The negative utilitarian might reply that this formulation of the problem is misleading. We do not live in a notional world where only a pinprick, minor pains, or even just "mild" suffering exists. In the real world, frightful horrors as well as humdrum malaise occur every day. The intensity of suffering is sometimes so dreadful that its victims are prepared to destroy themselves to bring their torment to an end. Each year, some 800,000 people across the planet kill themselves while in the grip of suicidal despair. Tens of millions of people are severely depressed or suffer chronic neuropathic pain. By way of contrast, the genteel conventions of an ethics seminar in academic philosophy, or the scholarly technicalities of a journal article, simply fail to come to terms with the enormity of what's at stake. To talk of a "pinprick" is to trivialise the NU ethical stance.

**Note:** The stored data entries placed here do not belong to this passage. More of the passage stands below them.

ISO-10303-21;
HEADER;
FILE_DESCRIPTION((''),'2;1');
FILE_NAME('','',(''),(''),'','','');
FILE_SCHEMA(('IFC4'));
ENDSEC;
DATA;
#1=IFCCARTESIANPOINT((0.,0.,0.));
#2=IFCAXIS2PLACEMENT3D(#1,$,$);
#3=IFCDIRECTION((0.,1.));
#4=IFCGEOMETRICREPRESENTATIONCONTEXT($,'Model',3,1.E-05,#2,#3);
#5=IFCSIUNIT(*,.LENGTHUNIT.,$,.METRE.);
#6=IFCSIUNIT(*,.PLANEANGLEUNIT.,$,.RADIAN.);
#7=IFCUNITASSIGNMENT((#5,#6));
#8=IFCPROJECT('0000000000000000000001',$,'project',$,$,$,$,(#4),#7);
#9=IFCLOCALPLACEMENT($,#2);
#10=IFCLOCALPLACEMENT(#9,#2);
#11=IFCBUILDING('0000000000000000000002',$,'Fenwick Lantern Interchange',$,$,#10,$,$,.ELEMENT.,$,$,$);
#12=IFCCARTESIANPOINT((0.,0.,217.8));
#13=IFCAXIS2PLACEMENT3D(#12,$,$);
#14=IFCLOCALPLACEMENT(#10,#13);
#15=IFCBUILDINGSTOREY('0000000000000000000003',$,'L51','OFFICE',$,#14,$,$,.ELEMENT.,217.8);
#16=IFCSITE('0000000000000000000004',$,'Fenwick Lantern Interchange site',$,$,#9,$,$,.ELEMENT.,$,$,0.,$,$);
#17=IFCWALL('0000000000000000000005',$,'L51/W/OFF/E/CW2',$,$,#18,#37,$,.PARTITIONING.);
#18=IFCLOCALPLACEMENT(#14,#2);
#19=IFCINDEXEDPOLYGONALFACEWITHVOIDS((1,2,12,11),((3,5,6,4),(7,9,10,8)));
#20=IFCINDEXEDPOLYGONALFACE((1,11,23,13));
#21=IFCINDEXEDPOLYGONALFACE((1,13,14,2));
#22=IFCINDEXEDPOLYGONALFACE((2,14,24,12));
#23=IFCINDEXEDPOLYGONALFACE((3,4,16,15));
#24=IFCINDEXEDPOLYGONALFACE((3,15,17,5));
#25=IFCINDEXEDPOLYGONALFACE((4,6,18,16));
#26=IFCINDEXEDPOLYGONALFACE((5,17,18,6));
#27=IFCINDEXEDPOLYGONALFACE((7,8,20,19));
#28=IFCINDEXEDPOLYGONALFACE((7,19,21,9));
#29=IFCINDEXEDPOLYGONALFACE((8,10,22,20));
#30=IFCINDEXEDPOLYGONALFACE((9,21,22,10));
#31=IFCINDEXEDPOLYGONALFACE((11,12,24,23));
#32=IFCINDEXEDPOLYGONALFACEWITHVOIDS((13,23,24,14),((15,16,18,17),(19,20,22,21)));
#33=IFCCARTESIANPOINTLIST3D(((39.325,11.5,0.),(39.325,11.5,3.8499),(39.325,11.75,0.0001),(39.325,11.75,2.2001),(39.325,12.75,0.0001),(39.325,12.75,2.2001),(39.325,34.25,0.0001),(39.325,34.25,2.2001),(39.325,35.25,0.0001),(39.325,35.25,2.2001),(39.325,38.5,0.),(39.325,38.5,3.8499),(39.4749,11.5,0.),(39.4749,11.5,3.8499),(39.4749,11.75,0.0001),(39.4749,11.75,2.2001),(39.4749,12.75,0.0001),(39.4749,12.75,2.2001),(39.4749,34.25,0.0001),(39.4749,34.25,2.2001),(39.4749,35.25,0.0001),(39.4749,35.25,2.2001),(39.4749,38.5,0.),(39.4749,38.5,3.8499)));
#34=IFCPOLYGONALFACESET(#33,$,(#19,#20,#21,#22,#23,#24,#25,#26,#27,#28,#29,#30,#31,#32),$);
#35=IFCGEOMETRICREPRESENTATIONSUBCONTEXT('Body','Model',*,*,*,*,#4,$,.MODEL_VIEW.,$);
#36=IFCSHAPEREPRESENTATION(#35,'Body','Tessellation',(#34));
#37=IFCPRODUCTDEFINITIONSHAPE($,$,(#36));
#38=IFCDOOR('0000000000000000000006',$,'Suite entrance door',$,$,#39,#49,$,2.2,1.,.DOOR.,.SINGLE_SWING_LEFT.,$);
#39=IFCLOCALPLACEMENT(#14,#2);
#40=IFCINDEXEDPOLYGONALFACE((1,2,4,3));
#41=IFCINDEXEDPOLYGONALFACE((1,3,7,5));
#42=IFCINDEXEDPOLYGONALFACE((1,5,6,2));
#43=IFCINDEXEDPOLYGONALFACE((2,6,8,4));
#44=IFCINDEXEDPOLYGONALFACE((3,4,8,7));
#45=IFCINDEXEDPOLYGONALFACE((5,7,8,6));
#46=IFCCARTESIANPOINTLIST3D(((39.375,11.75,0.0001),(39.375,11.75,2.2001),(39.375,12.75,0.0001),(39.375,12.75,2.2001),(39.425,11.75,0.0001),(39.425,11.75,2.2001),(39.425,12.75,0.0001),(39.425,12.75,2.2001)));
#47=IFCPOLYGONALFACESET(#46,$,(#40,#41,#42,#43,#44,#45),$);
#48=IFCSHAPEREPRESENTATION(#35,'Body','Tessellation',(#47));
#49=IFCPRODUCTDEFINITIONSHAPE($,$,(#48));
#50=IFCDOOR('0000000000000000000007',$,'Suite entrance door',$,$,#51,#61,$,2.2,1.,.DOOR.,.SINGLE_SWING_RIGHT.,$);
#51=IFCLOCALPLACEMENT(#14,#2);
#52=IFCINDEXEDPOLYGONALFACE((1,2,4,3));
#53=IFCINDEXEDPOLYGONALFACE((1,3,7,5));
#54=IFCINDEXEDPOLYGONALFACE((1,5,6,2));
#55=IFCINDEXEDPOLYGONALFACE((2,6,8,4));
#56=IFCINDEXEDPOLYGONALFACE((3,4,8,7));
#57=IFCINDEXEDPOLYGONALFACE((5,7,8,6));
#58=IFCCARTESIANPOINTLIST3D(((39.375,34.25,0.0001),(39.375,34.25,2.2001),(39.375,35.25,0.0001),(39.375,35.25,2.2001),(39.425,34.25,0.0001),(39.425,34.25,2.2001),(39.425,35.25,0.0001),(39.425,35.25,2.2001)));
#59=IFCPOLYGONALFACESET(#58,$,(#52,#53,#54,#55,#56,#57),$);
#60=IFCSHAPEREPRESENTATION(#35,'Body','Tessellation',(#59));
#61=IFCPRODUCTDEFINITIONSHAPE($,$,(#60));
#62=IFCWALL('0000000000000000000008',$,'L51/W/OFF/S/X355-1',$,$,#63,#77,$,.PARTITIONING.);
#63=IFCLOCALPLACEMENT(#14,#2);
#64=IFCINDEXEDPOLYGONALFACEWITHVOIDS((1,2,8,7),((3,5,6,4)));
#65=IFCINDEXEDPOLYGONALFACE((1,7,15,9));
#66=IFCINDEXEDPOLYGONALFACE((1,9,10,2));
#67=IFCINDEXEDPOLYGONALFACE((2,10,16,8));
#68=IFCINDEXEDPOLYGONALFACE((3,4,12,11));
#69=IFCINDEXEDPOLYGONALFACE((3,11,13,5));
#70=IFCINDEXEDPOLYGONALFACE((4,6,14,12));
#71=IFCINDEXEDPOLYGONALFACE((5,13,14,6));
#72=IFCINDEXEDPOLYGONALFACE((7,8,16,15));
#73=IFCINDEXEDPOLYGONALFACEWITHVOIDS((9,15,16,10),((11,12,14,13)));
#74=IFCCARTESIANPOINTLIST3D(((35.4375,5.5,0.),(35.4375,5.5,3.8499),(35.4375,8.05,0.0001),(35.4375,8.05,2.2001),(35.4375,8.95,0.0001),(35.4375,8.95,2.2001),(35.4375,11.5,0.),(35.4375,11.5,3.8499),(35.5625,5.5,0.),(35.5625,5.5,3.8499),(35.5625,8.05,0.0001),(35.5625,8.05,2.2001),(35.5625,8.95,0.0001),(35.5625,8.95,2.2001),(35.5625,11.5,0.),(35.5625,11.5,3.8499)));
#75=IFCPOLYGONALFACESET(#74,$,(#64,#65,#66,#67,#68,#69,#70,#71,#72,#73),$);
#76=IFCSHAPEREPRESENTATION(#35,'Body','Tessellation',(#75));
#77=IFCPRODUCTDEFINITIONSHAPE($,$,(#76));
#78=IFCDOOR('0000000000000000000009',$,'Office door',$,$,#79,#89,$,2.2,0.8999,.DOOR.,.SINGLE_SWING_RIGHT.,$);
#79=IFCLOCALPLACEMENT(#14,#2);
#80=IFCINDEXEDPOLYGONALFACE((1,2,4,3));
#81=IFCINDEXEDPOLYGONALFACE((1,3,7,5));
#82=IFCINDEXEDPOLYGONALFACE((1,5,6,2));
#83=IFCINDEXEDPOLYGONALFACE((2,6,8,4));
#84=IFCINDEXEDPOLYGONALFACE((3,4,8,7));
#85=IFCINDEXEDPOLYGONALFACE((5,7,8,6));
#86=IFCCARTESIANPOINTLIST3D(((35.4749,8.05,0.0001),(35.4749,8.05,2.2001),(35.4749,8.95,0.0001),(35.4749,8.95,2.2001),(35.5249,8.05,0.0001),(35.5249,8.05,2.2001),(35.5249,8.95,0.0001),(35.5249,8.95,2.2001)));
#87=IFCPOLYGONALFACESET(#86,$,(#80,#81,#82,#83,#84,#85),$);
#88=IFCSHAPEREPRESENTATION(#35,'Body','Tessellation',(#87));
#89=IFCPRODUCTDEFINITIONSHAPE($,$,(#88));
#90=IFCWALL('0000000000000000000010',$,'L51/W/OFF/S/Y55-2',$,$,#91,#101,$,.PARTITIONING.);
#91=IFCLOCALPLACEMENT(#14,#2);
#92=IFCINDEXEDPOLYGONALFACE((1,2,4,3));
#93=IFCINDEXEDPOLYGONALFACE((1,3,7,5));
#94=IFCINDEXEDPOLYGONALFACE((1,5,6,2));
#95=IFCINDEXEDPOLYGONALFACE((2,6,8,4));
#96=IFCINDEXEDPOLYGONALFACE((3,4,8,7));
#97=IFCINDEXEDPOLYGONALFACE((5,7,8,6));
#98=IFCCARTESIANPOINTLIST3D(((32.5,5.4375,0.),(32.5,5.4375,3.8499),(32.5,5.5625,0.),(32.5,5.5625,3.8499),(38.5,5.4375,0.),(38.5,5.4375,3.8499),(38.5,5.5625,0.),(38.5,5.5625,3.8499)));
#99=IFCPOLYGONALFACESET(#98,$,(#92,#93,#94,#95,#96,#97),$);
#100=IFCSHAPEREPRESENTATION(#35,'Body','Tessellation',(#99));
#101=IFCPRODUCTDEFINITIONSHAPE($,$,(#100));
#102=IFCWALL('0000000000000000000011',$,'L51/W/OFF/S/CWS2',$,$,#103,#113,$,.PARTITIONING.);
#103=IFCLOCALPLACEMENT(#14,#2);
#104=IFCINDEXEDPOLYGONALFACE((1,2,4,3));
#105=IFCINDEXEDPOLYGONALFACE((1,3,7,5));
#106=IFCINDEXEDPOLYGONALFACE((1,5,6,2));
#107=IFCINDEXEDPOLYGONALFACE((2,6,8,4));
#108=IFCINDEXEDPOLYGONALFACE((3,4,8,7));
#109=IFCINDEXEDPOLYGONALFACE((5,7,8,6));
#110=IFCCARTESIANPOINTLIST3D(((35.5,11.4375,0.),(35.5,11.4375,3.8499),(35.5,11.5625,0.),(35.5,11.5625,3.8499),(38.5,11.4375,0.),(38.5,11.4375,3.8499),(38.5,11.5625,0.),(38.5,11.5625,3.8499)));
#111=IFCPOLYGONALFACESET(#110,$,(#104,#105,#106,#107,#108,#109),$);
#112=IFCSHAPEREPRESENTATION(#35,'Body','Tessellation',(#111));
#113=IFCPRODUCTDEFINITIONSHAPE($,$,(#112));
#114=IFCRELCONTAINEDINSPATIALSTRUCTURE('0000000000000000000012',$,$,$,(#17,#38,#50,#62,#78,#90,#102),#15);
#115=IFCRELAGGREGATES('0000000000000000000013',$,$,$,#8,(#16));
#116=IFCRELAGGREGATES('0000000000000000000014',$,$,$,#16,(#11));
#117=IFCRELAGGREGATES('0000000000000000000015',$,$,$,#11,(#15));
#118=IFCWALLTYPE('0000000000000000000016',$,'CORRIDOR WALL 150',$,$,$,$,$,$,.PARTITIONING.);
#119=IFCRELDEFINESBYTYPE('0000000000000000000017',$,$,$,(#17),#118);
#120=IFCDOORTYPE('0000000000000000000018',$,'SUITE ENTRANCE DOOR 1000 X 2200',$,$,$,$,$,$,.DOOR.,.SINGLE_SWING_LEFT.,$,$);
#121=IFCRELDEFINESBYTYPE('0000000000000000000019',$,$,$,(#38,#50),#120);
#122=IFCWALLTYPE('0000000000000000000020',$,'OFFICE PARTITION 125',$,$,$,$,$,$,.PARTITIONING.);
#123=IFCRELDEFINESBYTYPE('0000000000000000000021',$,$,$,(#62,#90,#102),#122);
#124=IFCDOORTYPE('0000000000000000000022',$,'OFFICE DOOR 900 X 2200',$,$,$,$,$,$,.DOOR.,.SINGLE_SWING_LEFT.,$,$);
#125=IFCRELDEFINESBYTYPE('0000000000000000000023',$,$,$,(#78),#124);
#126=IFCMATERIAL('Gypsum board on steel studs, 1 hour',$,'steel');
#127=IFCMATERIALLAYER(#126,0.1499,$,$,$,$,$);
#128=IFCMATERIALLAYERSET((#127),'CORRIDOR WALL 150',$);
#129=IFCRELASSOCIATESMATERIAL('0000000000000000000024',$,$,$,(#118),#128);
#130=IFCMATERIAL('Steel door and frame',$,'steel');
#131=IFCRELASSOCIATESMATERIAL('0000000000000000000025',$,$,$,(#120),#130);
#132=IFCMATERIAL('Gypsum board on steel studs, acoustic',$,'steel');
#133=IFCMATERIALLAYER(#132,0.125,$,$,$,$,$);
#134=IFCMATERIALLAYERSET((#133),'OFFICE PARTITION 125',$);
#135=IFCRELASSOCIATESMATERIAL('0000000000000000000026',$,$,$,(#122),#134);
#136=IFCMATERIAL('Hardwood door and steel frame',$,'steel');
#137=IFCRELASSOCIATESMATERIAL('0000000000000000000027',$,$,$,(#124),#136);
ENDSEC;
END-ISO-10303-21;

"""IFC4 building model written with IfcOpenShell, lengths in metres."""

from ifc_helpers import new_model, si_unit, direction, frame, frame_2d, origin, place, context, subcontext, project, spatial, rectangle, extrude, material, layer, layer_set, type_object, element, fill, save


model = new_model("IFC4")

# Units and contexts
model_context = context("Model", 3, precision=1e-05, world=origin(), true_north=direction((0.0, 1.0)))
body_context = subcontext(model_context, "Body", "Model", "MODEL_VIEW")
ifc_project = project(units=[si_unit("LENGTHUNIT", "METRE"), si_unit("PLANEANGLEUNIT", "RADIAN")], contexts=[model_context])

# Site, building, storey
site_placement = place(None, origin())
site = spatial("IfcSite", under=ifc_project, at=site_placement, Name="Fenwick Lantern Interchange site", CompositionType="ELEMENT", RefElevation=0.0)
building_placement = place(site_placement, origin())
building = spatial("IfcBuilding", under=site, at=building_placement, Name="Fenwick Lantern Interchange", CompositionType="ELEMENT")
storey_placement = place(building_placement, frame((0.0, 0.0, 217.8)))
storey = spatial("IfcBuildingStorey", under=building, at=storey_placement, Name="L51", Description="OFFICE", CompositionType="ELEMENT", Elevation=217.8)

# Shared definitions
ifc_material_1 = material(Name="Steel door and frame", Category="steel")

# Shared definitions
ifc_material_2 = material(Name="Gypsum board on steel studs, 1 hour", Category="steel")
ifc_layer_1 = layer(ifc_material_2, 0.1499)
ifc_layer_set_1 = layer_set([ifc_layer_1], Name="CORRIDOR WALL 150")
wall_type_1 = type_object("IfcWallType", Name="CORRIDOR WALL 150", PredefinedType="PARTITIONING", material=ifc_layer_set_1)

# Wall, openings, doors
wall_1_placement = place(storey_placement, frame((39.3999, 11.5, 0.0), z_axis=(0.0, 0.0, 1.0), x_axis=(0.0, 1.0, 0.0)))
wall_1 = element("IfcWall", 1, at=wall_1_placement, inside=storey, type_object=wall_type_1, Name="L51/W/OFF/E/CW2", PredefinedType="PARTITIONING", context=body_context, shape_type="SweptSolid", body=[
    extrude(rectangle(XDim=27.0, YDim=0.1499, at=frame_2d((13.5, 0.0))), origin(), (0.0, 0.0, 1.0), 3.8499),
])
opening_1_placement = place(wall_1_placement, frame((0.25, 0.0, 0.0)))
opening_1 = element("IfcOpeningElement", 2, at=opening_1_placement, cuts=wall_1, PredefinedType="OPENING", context=body_context, shape_type="SweptSolid", body=[
    extrude(rectangle(XDim=1.0, YDim=2.2, at=frame_2d((0.5, 1.1001))), frame((0.0, 0.085, 0.0), z_axis=(0.0, -1.0, 0.0), x_axis=(1.0, 0.0, 0.0)), (0.0, 0.0, 1.0), 0.1699),
])
opening_2_placement = place(wall_1_placement, frame((22.75, 0.0, 0.0)))
opening_2 = element("IfcOpeningElement", 3, at=opening_2_placement, cuts=wall_1, PredefinedType="OPENING", context=body_context, shape_type="SweptSolid", body=[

As the neurobiological basis of feeling and emotion is unravelled, and the human genome decoded and rewritten, it will become purely an issue of post-human decision whether negative modes of consciousness are generated in any form or texture whatsoever. "The Hedonistic Imperative: Heaven on Earth", BLTC Research
When Bernard Marx tells the Savage he will try to secure permission for him and his mother to visit the Other Place, John is initially pleased and excited. Echoing Miranda in The Tempest, he exclaims: "O brave new world that has such people in it." Heavy irony. Like innocent Miranda, he is eager to embrace a way of life he neither knows nor understands. And of course he comes unstuck. Yet if we swallow such fancy literary conceits, then ultimately the joke is on us. It is only funny in the sense there are "jokes" about Auschwitz. For it is Huxley who neither knows nor understands the glory of what lies ahead. A utopian society in which we are sublimely happy will be far better than we can presently imagine, not worse. And it is we, trapped in the emotional squalor of late-Darwinian antiquity, who neither know nor understand the lives of the god-like super-beings we are destined to become. "Brave New World? A Defence of Paradise-Engineering", BLTC Research, 1998
There is no fundamental biological reason why the human genome can't be rewritten to allow everyone to be "in" love with everyone else - if we should so choose. But simply loving each other will be miraculous enough; and will probably suffice. An empty religious piety can be transformed into a biological reality.
By far my greatest dread in life [...] is that (some variant of) the Everett interpretation of Quantum Mechanics is true. Dave's Diary, BLTC Research, May 1996
If we already lived in a cruelty-free world, the notion of re-introducing suffering, exploitation and creatures eating each other would seem not so much frightful as unimaginable - no more seriously conceivable than reverting to surgery without anaesthesia today.
[H]ere we come to the nub of the issue: the alleged moral force of the term "natural". If any creature, by its very nature, causes terrible suffering, albeit unwittingly, is it morally wrong to change that nature? If a civilised human were to come to believe s/he had been committing acts that caused grievous pain for no good reason, then s/he would stop - and want other moral agents to prevent the recurrence of such behaviour. May we assume that the same would be true of a lion, if the lion were morally and cognitively "uplifted" so as to understand the ramifications of what (s)he was doing? Or a house cat tormenting a mouse? Or indeed a human sociopath?